Behind the van, They heard the crashing of land. And they looked to see A grizzly bear lurking amongst the trees, Searching their ground for something to eat.

From what I'm told, My old love just froze, But her man got scared. He started to run, thinking she had begun, But he left her there, alone in the woods with the bear.

So the bear, all surprised, Looked right into her eyes, And decided that She was its prey or some kind of threat. So it followed its instincts to deal with it.

It charged up towards her, and stopped just before her, And stood up high. Swiped at her shoulder and dragged her by the torso Around the site. And that's how my old love died.

If I'd been there, I wouldn't have run from the bear. That's the worst mistake. I would've yelled and banged pots, And made sure that my love wasn't taken that way.

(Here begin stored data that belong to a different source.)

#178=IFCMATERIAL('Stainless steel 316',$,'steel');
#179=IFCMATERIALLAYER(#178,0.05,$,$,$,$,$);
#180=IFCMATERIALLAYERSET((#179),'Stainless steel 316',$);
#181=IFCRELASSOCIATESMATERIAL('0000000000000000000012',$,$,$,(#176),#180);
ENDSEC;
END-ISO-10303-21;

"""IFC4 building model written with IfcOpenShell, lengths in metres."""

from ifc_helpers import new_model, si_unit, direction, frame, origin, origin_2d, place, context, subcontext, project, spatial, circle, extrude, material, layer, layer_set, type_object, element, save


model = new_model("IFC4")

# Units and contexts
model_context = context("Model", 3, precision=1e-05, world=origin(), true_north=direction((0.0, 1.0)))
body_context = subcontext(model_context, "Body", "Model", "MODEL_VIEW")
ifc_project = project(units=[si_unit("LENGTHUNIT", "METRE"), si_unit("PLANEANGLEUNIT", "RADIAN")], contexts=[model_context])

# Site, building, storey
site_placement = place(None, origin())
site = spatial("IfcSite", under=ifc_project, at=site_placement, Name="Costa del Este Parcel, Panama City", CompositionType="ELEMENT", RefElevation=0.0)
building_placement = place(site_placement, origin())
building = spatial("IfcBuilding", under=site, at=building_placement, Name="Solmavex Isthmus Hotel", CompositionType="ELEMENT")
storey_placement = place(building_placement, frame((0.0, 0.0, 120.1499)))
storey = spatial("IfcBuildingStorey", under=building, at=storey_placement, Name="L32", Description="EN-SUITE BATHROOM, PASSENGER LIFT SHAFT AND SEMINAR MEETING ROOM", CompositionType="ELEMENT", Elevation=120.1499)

MARTIN: That was the song called "Killbear." It's off the album called "Elk-Lake Serenade." The new album is called "In Field & Town." Hayden, thank you very much for coming in to the BPP studios and playing songs for us. We appreciate it. Good luck with this year and the tour.

Mr. DESSER: Thanks. My pleasure. Thank you very much.

(Soundbite of music)

MARTIN: If you want to see more Hayden, go to our website. Check out video of his BPP in-studio performance. You know where it is,


And that is it for this hour of the BPP. We are always online at the place she just said. I'm Mike Pesca.

MARTIN: And I'm Rachel Martin. And this is the Bryant Park Project from NPR News.